Want Food, Will Travel: 8 Southern plates worth the drive—or flight

Some dishes are passable; others are praiseworthy. But these eight should send you packing your bags.

Would you jet to Miami for a Cuban hamburger? Take a trip to Savannah for foie gras and grits? How about head to Asheville for a whole-hog pulled-pork plate? Some dishes are so remarkable, they’re worth traveling that extra mile—or even hundreds of miles. To create this list of crave-worthy plates, we polled more than a dozen Southern food experts (and one well-traveled Yankee), then took to the road on a pilgrimage to the region’s culinary capitals in search of dishes we’d happily plan a vacation around. Forget traveling light. We prefer traveling full.

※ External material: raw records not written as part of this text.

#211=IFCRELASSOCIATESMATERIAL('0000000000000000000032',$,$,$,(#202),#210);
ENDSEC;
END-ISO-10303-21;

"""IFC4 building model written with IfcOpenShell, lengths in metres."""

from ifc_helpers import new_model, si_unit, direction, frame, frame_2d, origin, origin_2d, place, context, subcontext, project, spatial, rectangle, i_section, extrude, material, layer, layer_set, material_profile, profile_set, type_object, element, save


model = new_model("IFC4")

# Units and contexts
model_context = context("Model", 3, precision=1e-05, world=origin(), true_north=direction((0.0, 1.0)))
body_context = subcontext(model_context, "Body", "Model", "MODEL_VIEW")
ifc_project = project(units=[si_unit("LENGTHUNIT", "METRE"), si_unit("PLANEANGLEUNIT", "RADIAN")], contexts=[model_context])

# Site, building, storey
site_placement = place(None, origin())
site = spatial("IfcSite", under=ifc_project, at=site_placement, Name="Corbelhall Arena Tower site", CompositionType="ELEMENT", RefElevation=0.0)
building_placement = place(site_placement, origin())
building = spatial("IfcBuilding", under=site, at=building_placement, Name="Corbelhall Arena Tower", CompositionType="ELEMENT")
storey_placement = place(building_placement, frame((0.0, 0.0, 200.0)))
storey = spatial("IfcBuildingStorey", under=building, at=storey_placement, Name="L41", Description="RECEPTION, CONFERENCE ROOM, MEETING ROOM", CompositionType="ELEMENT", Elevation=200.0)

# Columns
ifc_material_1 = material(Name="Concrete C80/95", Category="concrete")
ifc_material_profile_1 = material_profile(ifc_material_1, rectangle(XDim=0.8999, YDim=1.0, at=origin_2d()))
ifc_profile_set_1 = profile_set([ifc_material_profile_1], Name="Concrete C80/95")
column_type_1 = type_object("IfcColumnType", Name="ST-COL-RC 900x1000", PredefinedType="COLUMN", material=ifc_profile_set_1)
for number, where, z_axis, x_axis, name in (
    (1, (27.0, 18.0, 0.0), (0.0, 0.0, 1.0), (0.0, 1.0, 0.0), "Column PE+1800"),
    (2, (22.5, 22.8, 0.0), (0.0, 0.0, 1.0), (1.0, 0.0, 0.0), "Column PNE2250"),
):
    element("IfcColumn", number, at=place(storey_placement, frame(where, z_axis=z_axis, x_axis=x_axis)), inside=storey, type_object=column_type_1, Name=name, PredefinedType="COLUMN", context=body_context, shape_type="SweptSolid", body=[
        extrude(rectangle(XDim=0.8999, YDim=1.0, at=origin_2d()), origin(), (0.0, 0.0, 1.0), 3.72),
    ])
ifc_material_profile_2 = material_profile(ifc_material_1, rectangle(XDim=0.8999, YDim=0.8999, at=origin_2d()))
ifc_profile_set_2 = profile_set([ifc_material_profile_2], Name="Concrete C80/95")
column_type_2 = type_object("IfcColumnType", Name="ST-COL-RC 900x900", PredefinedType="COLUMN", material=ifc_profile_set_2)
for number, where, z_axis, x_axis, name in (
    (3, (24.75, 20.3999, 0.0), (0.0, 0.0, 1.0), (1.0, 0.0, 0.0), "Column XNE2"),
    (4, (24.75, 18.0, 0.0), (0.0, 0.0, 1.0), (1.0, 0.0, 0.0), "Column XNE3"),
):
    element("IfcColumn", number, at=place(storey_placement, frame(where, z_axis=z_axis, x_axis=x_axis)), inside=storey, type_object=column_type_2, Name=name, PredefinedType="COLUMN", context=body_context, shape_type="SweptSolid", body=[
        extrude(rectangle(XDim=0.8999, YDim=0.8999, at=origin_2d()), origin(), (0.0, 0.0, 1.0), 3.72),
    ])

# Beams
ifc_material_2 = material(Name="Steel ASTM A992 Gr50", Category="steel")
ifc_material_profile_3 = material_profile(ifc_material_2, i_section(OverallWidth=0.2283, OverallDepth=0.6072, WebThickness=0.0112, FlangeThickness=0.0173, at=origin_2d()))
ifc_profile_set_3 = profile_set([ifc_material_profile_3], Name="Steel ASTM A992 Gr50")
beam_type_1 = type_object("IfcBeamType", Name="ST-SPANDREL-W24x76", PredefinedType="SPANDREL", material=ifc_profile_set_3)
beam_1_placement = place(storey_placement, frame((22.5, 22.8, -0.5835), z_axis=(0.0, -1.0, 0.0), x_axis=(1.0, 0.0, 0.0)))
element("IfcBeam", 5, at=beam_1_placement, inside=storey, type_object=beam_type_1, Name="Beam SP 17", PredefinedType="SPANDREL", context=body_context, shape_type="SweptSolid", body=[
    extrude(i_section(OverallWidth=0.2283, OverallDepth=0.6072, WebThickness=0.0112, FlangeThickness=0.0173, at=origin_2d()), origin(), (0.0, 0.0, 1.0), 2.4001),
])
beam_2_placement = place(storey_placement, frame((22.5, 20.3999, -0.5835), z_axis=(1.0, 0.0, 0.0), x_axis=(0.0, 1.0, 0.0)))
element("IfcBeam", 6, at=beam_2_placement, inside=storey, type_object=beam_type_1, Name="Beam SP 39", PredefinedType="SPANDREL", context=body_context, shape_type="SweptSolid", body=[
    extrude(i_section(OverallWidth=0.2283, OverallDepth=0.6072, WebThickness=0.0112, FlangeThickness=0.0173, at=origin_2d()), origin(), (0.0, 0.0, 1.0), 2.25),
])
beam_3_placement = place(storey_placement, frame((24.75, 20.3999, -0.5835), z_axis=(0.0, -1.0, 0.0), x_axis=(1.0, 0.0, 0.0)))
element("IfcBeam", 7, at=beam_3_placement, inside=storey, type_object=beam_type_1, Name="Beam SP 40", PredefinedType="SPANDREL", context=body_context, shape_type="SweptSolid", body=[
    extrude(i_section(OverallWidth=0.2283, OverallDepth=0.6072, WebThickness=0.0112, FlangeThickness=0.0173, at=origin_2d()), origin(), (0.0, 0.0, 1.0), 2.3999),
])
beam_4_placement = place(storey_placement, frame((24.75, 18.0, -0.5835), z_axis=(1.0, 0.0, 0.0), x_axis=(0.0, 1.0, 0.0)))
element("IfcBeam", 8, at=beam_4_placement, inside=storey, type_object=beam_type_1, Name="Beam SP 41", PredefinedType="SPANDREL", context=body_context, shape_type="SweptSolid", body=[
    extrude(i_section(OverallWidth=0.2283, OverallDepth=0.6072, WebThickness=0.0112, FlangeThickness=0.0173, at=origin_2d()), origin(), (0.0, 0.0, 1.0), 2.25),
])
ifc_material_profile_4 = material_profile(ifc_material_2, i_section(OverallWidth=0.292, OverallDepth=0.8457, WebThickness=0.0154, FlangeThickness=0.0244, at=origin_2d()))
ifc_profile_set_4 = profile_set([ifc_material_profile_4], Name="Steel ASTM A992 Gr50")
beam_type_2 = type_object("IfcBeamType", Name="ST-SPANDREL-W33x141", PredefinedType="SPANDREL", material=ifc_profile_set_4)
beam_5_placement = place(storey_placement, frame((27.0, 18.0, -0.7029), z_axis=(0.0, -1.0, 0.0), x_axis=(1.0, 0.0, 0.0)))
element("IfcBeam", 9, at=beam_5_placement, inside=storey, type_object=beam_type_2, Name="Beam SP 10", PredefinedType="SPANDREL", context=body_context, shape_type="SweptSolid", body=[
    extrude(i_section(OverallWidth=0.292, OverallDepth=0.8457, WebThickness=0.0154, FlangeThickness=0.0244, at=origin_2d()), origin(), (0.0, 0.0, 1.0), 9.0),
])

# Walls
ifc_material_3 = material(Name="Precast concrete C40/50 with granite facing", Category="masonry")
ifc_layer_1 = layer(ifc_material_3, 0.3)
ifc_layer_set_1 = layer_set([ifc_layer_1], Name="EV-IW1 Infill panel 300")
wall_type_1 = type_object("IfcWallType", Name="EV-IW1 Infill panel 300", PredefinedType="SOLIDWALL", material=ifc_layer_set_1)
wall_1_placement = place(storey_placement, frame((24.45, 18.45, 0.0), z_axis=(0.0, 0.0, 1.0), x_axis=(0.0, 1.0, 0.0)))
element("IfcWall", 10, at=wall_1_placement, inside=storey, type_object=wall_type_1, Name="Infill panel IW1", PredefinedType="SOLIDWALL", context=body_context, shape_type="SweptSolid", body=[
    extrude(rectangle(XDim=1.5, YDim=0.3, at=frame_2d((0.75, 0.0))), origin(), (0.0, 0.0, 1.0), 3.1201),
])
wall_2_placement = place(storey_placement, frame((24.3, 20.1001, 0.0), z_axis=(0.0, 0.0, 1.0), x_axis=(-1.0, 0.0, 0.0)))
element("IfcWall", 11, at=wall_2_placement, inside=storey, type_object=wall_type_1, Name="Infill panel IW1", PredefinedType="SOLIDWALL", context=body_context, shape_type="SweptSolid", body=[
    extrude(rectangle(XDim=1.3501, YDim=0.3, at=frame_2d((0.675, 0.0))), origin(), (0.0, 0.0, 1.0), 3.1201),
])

Meat and three from Arnold’s

Photograph courtesy of Arnold's Country Kitchen

Meat and three
Arnold’s Country Kitchen

Opened by Jack and Rose Arnold in 1982, this cafeteria-style, weekdays-only lunch spot in a bright-red cinderblock building is hallowed ground for lovers of classic country cooking. Locals know which days to go for fried chicken and battered grouper (Mondays and Tuesdays, respectively); travelers may plan ahead by checking out the online menu. Turnip greens, mac and cheese, pinto beans, fried apples, candied yams, boiled cabbage, stewed okra, fried green tomatoes: How in the world can you pick just three sides? Chris Chamberlain, food and drink writer for Nashville Scene, is a devotee of the “absolutely exemplary” fried chicken. As for sides, he’s big on the turnips and likes to layer the creamed corn over the green beans, as suggested to him by Jack and Rose’s son, Kahlil, who now runs Arnold’s. Erin Byers Murray, editor-at-large for Nashville Lifestyles and author of Grits: A Cultural & Culinary Journey Through the South, raves about the roast beef. “It’s sliced super thin and piled onto the plate in a tangle of juicy slivers,” she says. “I’m not sure what goes into their seasoning, but it’s damn near addictive.” In 2009, the mom-and-pop was named an America’s Classic by the James Beard Foundation. No wonder country-music industry types, construction workers, and politicos all congregate here.

Where to Stay
404 Hotel | Sleek, sexy, and super private, this hotel has exactly four rooms and zero registration counters (check-in takes place via room code). Enjoy posh amenities (Sferra linens, Malin + Goetz toiletries, Turkish towels and robes) and, at the hotel’s 404 Kitchen, one of the smartest and largest whiskey collections in the state.

One More Bite
Hot chicken at Prince’s |
Though it has many imitators, Prince’s lays claim to the original mouth-torching Nashville bird. Try the hot or “XHot” breast-wing quarter and a cooling side of potato salad or coleslaw. Anything hotter, have the fire department on speed dial.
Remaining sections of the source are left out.